The eligible age of 65 years for Medicare may be discouraging patients from getting screenings and tests as they wait for more health coverage.
The age for Medicare eligibility may be associated with more cancer diagnoses, resulting in lower long-term cancer-specific mortality in lung, breast, colon or prostate cancer, according to a recent study.
In the United States, those eligible to receive Medicare include those who are 65 years or older, younger people with disabilities and people who have received a diagnosis of end state renal disease (permanent kidney failure).
“This is the first study to show that cancer patients are delaying receiving appropriate medical care for cancers as they approach Medicare age, presumably in order to avoid the costs associated with that care. We also show that delaying care in this way results in reduced cure rates from the cancers,” explained lead study author Dr. Joseph Shrager, Professor and Chief, Division of Thoracic Surgery at Stanford Medicine in Stanford, California, in an interview with CURE®.
Shrager describes this subset of patients as the “perfect storm” as “it’s the age at which many people begin to develop cancers and other life-threatening conditions, but at the same time it’s the age that many people are uninsured or underinsured because of unemployment, early retirement, etc.”
In the study — that was published in the journal Cancer — Shrager and colleagues looked at patients aged 61 to 69 years who received a diagnosis of lung, breast, colon, or prostate cancer between 2004 and 2016. In the database, it was identified that 134,991 patients received a diagnosis of lung cancer, 175,558 with breast cancer, 62,721 with colon cancer and 238,823 with prostate cancer, between these years.

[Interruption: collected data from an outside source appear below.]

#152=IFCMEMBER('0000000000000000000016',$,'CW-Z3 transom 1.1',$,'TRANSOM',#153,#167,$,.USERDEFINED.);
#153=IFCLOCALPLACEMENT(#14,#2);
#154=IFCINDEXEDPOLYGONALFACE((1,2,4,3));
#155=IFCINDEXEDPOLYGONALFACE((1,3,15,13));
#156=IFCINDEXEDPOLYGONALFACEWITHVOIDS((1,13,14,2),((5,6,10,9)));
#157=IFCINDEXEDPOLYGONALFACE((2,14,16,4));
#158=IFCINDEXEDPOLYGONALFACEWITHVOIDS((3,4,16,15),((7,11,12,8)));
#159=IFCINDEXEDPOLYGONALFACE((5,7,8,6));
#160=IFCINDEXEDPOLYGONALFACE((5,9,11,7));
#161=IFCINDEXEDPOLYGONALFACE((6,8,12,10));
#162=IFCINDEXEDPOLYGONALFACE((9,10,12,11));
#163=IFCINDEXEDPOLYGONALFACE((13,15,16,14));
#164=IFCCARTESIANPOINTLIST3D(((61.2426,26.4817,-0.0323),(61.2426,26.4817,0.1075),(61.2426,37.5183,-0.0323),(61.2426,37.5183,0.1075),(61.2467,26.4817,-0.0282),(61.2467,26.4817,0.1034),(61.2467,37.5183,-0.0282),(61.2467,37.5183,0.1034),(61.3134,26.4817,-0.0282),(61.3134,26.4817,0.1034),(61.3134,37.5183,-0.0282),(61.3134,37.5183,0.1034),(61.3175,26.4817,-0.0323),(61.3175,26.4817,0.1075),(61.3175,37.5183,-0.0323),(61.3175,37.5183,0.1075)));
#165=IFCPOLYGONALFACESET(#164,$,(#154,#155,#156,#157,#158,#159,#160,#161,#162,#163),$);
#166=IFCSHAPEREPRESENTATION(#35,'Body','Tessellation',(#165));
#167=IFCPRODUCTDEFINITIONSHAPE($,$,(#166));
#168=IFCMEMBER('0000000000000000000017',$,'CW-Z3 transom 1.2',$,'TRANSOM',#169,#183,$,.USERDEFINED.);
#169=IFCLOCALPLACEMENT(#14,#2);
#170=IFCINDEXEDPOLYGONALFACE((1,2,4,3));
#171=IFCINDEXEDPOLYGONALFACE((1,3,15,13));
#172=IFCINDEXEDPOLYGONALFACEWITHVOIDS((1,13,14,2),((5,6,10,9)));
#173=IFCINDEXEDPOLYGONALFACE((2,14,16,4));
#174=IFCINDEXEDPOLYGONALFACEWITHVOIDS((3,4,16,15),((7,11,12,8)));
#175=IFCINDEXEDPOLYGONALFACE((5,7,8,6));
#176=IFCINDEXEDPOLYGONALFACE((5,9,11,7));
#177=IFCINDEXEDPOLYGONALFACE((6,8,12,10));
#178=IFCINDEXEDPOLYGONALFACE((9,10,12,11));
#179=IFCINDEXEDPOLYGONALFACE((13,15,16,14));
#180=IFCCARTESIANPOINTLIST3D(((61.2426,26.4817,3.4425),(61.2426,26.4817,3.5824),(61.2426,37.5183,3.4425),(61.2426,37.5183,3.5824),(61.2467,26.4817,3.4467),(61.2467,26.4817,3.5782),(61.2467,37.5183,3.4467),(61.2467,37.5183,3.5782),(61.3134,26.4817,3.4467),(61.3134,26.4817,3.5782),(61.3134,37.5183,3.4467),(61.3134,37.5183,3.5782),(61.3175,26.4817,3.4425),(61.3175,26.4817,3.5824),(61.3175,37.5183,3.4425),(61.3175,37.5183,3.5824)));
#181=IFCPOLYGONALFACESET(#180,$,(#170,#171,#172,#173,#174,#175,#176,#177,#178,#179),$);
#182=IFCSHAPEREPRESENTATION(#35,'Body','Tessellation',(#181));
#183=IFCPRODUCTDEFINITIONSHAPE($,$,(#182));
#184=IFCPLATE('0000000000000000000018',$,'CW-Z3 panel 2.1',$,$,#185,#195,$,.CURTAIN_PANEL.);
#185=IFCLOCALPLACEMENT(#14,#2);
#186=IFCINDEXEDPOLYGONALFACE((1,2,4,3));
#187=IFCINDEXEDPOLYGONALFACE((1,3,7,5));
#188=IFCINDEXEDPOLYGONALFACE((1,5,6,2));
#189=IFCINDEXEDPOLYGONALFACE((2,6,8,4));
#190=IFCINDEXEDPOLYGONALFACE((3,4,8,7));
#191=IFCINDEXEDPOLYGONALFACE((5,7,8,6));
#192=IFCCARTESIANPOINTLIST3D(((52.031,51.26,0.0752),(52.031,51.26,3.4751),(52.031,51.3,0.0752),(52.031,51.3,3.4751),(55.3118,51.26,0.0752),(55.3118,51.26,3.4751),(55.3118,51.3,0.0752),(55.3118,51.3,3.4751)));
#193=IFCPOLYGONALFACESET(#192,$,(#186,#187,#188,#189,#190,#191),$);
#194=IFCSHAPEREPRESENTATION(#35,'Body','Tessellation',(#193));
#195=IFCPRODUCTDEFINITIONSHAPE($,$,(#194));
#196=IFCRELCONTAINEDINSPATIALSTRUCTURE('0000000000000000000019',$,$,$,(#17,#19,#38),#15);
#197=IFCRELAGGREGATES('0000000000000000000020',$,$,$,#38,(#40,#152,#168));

Researchers then separated the patients into two groups, one of uninsured patients who were 61 to 64 years old (pre-Medicare group) and those patients who were 65 to 69 years old (post-Medicare group),
“We showed, first of all, that the number of patients with the four most common cancers who were uninsured falls from around 5% to around 0.8% at age 65 — the age of Medicare eligibility. We then showed that the yearly rate of rise in cancer diagnoses for these cancers jumped at the 64- to 65-year-old transition vs all other transitions between 60 and 69 years,” Shrager said.
Study results showed that the number of cancer diagnosis was highest at 65 years, leading to a five-year cancer specific mortality increase compared to those in the post-Medicare group for lung (86.3% vs 78.5%), breast (32.7% vs 11.0%), colon (57.1% vs 35.6%) and prostate (16.9% vs 4.8%) cancers.
“For example, the number of lung cancer diagnoses made each year was rising at about 4% per year prior to 65 (this makes sense, because the older you are, the more likely you are to get a cancer), but at 65 it rose 8% or double the earlier rate. And after 65, it fell back to the earlier approximately 4% rate,” Shrager said, adding that this means patients are either ignoring symptoms that may have led to a diagnosis of cancer or not getting the recommended screening tests for cancer prior to 65 years of age.
The study also showed that this may affect survival data with overall survival about 10% greater in the post-Medicare group, despite their age.
For nearly every cancer, waiting to get diagnosed and treated could be the difference between having a high chance of cure and no chance of cure, according to Shrager.
Most cancer diagnosis at this time were stage 1, which Shrager noted as a surprise since he hypothesized that later stage cancer diagnosis would be higher. “My hypothesis to explain this finding is that it was more the screening-type of testing, rather than seeking attention for symptoms, that patients are delaying as they approach age 65,” he added. “The presence of symptoms is often associated with later stage cancers — I suspect that if you have symptoms that you are worried about, you are more likely to be scared and seek attention despite the costs before you turn 65. But if it’s ‘just’ a screening test, you are more likely to take your chances and wait until you are 65, avoiding the cost of the test if you are uninsured or have a high copay for the test.”
According to Shrager, these data highlight a need to expand the eligibility age for Medicare. “While the urge to wait until you turn 65 to get expensive screening tests or diagnostic procedures, if you have high co-pays or no insurance at all, is understandable, patients need to understand that they may be risking their lives by doing this,” he concluded. “And our leaders need to understand that by expanding Medicare to a lower age cut-off, they would be frankly saving many patients from dying of cancer.”